Анализируя статью Фрейда, Эйгер подчеркивает, что Фрейд выделяет три черты характера Достоевского: чрезвычайно высокую возбудимость, задатки извращенных влечений и собственно художественное дарование. Говоря об игре в жизни Достоевского, Эйгер высказывает предположение, что она является чем-то вроде прививки, благодаря которой писатель на время получает доступ к «нормальному» существованию. Если рассматривать игру на рулетке как моральную перверсию, то ее источником будет неистовство автора, лудопатия, которой он инфицирует своих персонажей. О страсти к игре говорит и сам Достоевский. Но это не только страсть, — утверждает Эйгер, — это
постоянное напряжение, лихорадочное ощущение (чего-то, что его пронизывает и, следовательно, управляет им изнутри), своего рода ощущение единственного наслаждения, которого он не находит в других ситуациях[439]

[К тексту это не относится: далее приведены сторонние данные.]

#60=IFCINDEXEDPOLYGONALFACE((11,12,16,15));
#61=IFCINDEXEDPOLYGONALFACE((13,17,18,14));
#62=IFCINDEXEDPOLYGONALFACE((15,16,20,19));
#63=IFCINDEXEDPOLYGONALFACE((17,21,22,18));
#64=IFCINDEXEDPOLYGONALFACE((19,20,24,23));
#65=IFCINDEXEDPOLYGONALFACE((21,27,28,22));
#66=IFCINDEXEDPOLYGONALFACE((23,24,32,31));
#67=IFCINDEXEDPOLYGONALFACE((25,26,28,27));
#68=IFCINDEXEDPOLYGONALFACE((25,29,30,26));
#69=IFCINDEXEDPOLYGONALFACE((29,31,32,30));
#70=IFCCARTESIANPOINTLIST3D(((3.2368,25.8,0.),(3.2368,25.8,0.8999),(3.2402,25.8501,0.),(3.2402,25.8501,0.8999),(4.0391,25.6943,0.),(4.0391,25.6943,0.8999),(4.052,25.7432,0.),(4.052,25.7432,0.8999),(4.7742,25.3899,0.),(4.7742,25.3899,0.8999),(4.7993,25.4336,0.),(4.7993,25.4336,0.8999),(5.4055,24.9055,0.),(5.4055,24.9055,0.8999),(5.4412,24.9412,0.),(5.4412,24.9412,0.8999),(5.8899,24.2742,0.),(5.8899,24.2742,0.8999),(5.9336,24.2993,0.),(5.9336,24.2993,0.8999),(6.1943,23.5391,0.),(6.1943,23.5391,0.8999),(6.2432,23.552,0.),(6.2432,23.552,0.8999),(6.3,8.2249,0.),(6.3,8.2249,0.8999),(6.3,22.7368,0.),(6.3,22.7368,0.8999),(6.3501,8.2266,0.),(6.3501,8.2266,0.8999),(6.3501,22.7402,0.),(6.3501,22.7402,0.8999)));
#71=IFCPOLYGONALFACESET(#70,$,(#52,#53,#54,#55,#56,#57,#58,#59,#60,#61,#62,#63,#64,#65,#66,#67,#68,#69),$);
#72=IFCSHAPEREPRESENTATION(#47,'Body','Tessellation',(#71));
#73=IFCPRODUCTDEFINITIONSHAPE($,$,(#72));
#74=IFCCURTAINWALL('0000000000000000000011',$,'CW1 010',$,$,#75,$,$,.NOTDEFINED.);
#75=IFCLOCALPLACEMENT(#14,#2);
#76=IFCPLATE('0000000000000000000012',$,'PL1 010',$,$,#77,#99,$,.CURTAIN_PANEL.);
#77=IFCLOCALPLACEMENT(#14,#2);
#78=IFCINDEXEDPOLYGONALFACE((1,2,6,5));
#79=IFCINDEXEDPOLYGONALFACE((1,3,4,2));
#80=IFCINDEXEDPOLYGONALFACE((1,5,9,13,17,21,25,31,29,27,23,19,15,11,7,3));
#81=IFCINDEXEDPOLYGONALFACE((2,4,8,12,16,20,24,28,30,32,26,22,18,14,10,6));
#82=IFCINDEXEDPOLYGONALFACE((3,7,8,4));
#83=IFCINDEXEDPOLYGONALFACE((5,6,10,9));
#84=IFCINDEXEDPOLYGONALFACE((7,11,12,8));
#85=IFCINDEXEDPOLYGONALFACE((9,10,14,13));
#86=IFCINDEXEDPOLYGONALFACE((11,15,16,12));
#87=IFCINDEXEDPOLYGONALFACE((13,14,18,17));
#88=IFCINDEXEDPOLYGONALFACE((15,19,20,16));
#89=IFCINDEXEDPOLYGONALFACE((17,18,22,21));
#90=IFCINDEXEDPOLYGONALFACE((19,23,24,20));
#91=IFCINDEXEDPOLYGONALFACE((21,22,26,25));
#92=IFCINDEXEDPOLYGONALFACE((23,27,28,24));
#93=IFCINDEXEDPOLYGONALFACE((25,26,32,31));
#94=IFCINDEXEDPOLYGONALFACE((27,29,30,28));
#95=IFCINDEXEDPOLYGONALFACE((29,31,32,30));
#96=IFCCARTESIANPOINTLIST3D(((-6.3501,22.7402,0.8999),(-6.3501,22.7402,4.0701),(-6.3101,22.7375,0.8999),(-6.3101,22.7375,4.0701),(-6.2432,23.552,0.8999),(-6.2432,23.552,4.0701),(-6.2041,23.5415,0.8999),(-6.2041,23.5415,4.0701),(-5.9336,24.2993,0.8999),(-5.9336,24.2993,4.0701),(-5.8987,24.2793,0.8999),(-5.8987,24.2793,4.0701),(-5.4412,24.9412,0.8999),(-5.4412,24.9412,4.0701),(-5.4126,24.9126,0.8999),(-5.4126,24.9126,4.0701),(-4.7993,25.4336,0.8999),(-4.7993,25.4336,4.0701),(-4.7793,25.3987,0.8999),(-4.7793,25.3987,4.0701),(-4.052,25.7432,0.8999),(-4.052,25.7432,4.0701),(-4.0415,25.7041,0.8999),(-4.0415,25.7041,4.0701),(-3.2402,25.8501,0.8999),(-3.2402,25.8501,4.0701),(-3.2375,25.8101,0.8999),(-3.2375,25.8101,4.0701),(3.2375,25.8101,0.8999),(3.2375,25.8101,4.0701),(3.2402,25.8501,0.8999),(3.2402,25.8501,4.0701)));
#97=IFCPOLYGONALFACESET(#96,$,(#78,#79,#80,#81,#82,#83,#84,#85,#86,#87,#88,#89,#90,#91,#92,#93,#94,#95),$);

.Характеристики такого рода личности восходят к роману «Игрок». В нем есть три оси, точнее три переплетенные нити: игра с ее живописным миром, сентиментальная проблематика и взгляд на русских, проживающих в Европе. Эйгер пытается проникнуть в логику русского игрока. В отличие от немцев, играющих «с головой», русские играют «зря и без труда», как рассуждает герой романа, для них игра — своего рода дебош, повиновение принципу траты, прожигания жизни. В игре русские словно забывают себя, забывая окружающий мир, подчиняясь логике автоэротизма: «автоэротизм в его самом разрушительном измерении требует смерти объекта»[440]

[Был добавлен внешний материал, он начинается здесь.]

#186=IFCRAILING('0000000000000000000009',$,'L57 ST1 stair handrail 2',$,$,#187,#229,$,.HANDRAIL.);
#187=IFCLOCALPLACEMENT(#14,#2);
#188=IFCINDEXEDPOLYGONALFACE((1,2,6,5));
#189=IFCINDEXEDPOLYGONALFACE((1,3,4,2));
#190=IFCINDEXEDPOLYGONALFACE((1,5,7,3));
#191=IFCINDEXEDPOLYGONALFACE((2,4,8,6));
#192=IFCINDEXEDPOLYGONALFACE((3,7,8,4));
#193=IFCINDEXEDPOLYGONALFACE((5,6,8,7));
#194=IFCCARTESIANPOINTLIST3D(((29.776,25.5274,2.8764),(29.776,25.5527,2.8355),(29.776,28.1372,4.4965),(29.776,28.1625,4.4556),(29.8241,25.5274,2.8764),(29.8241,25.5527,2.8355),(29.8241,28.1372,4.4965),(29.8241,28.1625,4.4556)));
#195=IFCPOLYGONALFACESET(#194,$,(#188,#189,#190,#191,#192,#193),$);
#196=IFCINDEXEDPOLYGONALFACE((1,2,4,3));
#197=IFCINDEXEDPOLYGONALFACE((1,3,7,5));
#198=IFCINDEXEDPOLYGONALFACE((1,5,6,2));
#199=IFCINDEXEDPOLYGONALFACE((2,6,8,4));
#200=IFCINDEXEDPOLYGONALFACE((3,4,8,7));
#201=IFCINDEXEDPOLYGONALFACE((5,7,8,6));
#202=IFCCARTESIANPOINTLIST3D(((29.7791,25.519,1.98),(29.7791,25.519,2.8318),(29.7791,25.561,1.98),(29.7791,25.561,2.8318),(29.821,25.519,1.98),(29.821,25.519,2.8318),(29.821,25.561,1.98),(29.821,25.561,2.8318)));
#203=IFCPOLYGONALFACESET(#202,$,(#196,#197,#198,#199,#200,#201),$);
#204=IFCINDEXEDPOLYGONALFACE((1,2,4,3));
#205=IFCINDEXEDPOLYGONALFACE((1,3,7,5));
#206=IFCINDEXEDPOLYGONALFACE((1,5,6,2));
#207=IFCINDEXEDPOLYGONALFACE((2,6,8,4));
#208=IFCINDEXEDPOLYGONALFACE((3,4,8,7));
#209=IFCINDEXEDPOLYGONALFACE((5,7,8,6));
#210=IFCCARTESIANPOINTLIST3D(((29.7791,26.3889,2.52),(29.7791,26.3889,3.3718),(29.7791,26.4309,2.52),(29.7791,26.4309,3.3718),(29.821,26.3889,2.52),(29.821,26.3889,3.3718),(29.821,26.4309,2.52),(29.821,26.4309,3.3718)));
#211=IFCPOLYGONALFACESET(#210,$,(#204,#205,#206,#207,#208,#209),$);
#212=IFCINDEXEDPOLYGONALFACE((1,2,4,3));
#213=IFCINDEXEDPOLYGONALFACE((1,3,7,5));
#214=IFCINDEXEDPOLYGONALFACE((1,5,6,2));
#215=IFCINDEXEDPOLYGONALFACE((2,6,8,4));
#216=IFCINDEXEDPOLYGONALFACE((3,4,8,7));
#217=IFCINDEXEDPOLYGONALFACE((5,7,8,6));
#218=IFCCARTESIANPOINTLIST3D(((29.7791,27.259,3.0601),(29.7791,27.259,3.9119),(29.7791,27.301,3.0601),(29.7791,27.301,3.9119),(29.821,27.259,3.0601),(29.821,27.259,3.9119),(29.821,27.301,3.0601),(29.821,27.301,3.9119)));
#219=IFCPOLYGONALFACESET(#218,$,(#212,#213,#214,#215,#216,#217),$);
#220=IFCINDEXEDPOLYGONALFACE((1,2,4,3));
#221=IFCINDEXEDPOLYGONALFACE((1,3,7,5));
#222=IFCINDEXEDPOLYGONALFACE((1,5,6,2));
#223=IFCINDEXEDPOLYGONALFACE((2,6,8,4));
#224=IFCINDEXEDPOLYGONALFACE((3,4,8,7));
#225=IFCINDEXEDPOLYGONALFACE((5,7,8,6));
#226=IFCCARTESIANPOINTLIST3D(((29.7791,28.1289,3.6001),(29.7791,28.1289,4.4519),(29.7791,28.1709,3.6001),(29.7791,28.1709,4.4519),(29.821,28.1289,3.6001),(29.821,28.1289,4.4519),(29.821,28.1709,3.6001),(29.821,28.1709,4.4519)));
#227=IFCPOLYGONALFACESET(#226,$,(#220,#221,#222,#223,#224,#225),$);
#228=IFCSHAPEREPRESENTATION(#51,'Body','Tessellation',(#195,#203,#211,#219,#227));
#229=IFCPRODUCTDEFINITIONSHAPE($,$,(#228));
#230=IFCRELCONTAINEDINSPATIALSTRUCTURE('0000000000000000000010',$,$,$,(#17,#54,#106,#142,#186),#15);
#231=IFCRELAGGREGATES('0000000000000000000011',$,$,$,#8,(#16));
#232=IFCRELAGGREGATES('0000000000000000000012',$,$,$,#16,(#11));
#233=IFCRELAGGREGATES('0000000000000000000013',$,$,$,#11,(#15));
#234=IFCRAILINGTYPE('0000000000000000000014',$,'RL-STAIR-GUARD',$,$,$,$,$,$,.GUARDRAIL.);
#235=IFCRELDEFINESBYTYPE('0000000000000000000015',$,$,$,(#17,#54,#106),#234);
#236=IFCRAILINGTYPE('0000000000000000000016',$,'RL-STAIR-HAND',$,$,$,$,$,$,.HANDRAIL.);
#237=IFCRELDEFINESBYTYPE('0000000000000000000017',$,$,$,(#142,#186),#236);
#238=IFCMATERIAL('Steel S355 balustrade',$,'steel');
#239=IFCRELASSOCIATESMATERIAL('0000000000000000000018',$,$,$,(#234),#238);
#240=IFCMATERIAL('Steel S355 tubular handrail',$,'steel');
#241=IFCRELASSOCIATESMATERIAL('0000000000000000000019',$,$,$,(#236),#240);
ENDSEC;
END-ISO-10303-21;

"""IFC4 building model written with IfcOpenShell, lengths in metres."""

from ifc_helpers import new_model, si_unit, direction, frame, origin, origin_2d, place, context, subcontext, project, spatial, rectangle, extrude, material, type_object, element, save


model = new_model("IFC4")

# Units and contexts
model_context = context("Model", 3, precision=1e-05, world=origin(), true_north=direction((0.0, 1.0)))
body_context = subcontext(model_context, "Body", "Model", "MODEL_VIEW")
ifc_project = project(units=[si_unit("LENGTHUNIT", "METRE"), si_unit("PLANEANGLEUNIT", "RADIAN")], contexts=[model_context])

. Для игрока денежный выигрыш — это всего лишь предлог, повод для новой ставки. Ссылаясь на американского психолога Э. Берглера и его известную работу «Психология игрока»[441], Эйгер утверждает, что под влиянием мазохизма игрок скорее бессознательно стремится к проигрышу.Вместе с тем игра для героя романа — это воспроизводство любовного опьянения, он пытается постичь тайну иллюзии, средоточие влечения, природу страсти. Он ищет не богатства, а нищеты, не капитала, а утраты себя, в том числе собственного достоинства. Он движим волей к страданию, без которого он не чувствует, что существует. Я страдаю, следовательно, существую, мог бы сказать Достоевский. Оторванность персонажа от России, отсутствие почвы для достоверного Я выливается в своеобразную нехватку как динамическую негативность, внутреннюю пустоту, открытую для сильных влечений, впечатлений, наваждений. Пустота, или отсутствие, Я оборачивается триумфом своеволия, вариантом садомазохизма, формы которого принимает любовь к Полине, которую ему хочется «съесть». Речь идет не об убийстве отца, а об убийстве любимой женщины. Здесь Эйгер высказывает предположение, что речь идет скорее об убийстве самой любви: перверсивные персонажи никогда не убивают, им важно сохранить объект для погони за наслаждением.